Смайли засмеялся и вместе со Шпагиным помог Джонсону встать.

— Не притворяйтесь, ваше преосвященство, — сказал Рослов, — вы отлично соображаете. Убили не вас, а беднягу газетчика Грина, неизвестно даже, существовавшего или нет. С помощью Селесты вы, конечно, открыли ему дорогу в рай. Едва ли он был мечтателем и не понимал грубой скороговорки винтовок. Эту выходку, закончившуюся для него столь печально, внушили ему несомненно вы. Вы дирижировали экспериментом и помогли Селесте понять сущность противоречий между буржуазным гуманизмом и революционной этикой.

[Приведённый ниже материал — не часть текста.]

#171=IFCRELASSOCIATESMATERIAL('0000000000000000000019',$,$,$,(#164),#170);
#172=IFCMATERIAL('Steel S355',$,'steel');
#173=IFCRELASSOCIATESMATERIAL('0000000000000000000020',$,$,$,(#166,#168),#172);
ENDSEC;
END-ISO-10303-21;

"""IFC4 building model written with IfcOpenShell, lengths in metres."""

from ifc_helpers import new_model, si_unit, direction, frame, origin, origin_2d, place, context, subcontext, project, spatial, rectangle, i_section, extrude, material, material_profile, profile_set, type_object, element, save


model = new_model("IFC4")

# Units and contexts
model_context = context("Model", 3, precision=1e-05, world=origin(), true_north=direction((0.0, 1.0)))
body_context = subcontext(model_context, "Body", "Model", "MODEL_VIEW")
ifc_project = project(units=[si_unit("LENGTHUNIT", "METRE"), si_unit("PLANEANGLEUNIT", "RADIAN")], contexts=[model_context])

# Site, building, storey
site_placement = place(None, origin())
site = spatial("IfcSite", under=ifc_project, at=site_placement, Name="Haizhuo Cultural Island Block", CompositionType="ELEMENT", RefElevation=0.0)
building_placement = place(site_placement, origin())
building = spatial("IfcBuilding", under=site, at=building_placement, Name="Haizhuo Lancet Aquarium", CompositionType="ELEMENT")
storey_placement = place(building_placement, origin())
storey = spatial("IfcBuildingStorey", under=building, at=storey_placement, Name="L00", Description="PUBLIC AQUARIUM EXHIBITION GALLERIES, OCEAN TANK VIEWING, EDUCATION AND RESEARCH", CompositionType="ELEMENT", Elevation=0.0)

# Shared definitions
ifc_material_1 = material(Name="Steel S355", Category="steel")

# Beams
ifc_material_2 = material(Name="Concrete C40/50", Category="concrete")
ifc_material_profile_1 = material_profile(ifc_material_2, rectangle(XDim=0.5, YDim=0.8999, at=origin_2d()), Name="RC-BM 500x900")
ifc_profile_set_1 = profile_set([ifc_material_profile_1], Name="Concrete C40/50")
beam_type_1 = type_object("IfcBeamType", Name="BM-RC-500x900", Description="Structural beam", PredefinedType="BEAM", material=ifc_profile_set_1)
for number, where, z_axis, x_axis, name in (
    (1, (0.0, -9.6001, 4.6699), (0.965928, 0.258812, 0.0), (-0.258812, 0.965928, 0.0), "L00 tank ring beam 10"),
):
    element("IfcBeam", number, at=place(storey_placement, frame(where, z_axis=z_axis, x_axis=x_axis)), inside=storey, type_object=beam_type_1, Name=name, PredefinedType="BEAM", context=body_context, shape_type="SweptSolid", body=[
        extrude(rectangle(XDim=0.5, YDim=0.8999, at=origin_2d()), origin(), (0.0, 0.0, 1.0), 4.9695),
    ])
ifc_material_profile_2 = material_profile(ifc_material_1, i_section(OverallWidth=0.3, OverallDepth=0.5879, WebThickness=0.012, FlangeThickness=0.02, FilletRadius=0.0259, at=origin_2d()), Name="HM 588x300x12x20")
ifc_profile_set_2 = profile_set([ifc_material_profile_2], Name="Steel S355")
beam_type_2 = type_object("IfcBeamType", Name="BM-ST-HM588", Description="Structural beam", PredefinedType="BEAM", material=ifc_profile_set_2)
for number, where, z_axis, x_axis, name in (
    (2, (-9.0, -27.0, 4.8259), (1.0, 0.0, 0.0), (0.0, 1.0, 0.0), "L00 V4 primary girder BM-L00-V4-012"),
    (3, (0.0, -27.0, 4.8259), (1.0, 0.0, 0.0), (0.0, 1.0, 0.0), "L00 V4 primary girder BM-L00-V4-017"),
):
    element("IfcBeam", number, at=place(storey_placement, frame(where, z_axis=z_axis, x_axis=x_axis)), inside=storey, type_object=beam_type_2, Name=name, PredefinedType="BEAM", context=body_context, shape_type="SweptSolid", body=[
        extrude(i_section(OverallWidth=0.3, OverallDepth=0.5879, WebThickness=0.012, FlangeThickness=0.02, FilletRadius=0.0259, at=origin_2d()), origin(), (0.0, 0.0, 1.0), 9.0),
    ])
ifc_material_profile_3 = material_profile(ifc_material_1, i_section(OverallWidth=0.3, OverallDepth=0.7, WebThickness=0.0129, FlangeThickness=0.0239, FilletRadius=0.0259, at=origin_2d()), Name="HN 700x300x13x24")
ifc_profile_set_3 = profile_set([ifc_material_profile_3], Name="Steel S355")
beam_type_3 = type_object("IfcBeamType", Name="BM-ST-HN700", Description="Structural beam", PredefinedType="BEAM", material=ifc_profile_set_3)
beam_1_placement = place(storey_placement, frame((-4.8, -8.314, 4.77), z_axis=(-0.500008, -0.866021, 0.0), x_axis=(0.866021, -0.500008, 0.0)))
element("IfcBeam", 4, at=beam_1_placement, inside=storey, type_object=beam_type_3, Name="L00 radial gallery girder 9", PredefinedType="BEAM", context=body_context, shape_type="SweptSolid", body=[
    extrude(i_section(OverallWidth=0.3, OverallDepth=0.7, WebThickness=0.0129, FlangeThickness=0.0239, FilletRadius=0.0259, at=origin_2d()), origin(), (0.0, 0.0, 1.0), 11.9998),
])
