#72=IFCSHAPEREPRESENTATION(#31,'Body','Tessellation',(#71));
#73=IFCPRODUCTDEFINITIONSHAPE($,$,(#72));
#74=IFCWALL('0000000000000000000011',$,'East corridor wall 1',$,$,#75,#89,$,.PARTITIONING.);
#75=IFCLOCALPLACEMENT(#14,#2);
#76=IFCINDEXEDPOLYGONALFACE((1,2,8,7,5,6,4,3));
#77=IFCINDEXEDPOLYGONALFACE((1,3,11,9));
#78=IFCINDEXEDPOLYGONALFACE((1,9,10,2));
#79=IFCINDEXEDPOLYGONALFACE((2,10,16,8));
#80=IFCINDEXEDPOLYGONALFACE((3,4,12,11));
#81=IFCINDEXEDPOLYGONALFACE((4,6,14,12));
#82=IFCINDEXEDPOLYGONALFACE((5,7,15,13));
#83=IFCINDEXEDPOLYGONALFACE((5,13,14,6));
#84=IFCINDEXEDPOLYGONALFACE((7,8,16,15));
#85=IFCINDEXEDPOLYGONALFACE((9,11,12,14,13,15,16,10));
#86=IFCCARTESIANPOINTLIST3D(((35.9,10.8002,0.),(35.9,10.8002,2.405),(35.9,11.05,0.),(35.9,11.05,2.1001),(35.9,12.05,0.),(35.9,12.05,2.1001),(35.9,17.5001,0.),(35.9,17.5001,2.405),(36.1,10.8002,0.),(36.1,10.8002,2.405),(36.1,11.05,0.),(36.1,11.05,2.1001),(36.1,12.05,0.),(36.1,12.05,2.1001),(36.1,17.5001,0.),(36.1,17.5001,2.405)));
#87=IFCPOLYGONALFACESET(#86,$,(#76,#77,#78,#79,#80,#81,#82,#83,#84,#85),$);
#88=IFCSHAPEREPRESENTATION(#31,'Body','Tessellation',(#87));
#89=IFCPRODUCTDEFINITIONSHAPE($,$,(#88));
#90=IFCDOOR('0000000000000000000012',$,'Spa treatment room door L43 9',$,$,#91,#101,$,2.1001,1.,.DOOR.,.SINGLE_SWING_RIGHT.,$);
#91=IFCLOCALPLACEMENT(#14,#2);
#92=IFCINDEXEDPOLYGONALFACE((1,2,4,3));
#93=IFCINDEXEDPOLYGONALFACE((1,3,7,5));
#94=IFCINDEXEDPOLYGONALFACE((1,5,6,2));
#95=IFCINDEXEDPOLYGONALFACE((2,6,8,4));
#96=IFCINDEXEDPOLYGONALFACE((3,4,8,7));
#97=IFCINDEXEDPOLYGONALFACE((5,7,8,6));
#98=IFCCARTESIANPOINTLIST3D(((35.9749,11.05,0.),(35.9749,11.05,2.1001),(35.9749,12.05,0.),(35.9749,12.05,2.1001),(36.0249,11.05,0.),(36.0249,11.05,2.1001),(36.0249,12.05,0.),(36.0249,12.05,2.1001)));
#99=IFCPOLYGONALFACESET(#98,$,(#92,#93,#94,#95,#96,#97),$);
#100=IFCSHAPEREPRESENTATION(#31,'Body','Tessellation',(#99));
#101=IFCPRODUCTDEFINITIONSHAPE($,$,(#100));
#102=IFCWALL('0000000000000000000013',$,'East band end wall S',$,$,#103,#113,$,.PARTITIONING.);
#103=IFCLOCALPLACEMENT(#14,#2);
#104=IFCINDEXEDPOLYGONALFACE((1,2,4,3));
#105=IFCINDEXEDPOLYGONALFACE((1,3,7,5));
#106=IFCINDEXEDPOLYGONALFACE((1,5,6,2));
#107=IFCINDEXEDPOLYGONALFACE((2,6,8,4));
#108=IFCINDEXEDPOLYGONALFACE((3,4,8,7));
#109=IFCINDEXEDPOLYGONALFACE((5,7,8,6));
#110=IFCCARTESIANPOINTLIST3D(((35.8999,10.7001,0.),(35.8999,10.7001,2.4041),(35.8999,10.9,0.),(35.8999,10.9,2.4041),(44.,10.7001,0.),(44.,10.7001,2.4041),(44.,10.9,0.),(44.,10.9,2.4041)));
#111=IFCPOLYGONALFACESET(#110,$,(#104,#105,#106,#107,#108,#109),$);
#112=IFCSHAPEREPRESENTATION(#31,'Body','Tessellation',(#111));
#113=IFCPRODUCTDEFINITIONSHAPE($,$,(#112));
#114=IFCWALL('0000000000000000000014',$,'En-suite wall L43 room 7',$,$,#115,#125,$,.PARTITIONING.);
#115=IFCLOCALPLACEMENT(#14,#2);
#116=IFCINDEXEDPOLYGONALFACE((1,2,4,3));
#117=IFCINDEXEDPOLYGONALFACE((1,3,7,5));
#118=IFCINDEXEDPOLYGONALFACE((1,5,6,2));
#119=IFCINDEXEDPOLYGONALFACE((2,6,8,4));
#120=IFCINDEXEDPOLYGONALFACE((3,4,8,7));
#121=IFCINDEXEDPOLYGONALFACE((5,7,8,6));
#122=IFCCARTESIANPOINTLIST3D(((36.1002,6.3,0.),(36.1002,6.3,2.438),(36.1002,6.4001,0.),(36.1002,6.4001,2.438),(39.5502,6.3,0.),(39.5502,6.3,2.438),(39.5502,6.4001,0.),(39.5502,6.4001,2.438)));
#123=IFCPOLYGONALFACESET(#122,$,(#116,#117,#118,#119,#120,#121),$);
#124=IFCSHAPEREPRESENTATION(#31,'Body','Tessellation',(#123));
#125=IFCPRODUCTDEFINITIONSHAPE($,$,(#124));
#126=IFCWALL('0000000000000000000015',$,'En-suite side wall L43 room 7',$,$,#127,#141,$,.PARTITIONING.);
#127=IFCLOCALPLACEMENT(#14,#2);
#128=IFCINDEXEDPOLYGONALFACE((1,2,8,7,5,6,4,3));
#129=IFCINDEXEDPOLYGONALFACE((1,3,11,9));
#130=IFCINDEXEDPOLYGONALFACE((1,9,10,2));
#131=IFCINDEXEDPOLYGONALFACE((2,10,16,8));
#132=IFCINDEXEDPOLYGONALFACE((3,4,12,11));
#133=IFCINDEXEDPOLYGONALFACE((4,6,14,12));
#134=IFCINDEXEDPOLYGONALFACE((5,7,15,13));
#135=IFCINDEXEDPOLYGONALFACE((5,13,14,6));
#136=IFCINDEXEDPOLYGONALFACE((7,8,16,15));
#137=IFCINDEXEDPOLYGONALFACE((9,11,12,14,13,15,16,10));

Не сомневаюсь в вашей искренности, но ошибки свои вы, наверно, уразумели. Или нет?

— Не знаю, — неуверенно произнес епископ: ему явно не хотелось спорить, да и мнимая его смерть все еще переполняла чувства. — Неужели все это было иллюзией? Слишком уж реально, совсем не иллюзорно. Я же помню: пуля попала вот сюда. — Он ткнул себя в левый бок, где из нагрудного кармана выглядывал уголок накрахмаленного платка. — Было совсем не больно. По крайней мере сначала. Будто ослепший жук ударился в грудь, а потом голова стала тяжелой и чужой, как после бессонной ночи, и только мелькнула угасающая мысль: «Это конец».

— Ох, епископ, — невесело усмехнулся Смайли, — сдается мне, что это далеко не конец.

Он оказался пророком. Новое перемещение произошло безболезненно и, пожалуй, даже буднично — не было ни страха, ни удивления, свойственных первым шагам в Неведомое. А оно началось на неширокой пыльной улочке маленького и, наверно, очень тихого провинциального городка. Они шли по этой немощеной улочке снова вчетвером и снова с винтовками, только более старыми, длинными, неуклюжими и тяжелыми — фунтов сто, не меньше, из каких не стреляли по крайней мере с середины прошлого века. И сюртуки на них были потертые, но элегантные, сшитые по столь же старинной моде. И вспученные цветной пеной галстуки оставляли открытыми грязноватые, но еще не потерявшие крахмальной твердости воротнички рубашек. Давно не чищенные сапоги их со сбитыми каблуками говорили о дальней дороге. И Шпагин так и не мог вспомнить, где он видел такие костюмы — в театре, или в кино, или где-нибудь за стеклом на музейных стендах. Но что осознал ясно и сразу — это то, что он только Шпагин, и никто другой. Его вытолкнули на сцену, не сказав, кого он должен играть, в какой пьесе, из какого времени, в комедии или драме. И что случится под занавес, он даже предугадать не мог: Селеста не стеснялся в выборе средств.

Шпагин никогда не был игроком и не любил рискованных ситуаций, а дар словесной импровизации не числился в реестре его достоинств. Он не умел, как Рослов, быть физиком с физиками и с лесорубами лесорубом. Он всегда был самим собой, только Шпагиным, биологом Шпагиным, и даже гордился своей профессиональной цельностью, которую некоторые называли ограниченностью. Но сейчас этой гордости не было. Быть только Шпагиным в этом дурацком маскарадном сюртуке и с этим стофунтовым ружьем за спиной ничего хорошего не предвещало. И ноющий холодок в желудке с каждым шагом сопровождал безответный вопрос: «Где мы?»

Но задал этот вопрос не Шпагин, а Рослов, и тут опередивший товарища.

— Интересуюсь, где мы. — Он говорил весело и непринужденно. — Что-то я никем себя не ощущаю: ни Цезарем, ни Кромвелем.

— Ты неоригинален, — откликнулся Смайли. — Я знаю только то, что меня зовут Бобом Смайли, но черт меня побери, если я догадываюсь, какой сейчас год, что это за город и почему на мне это тряпье.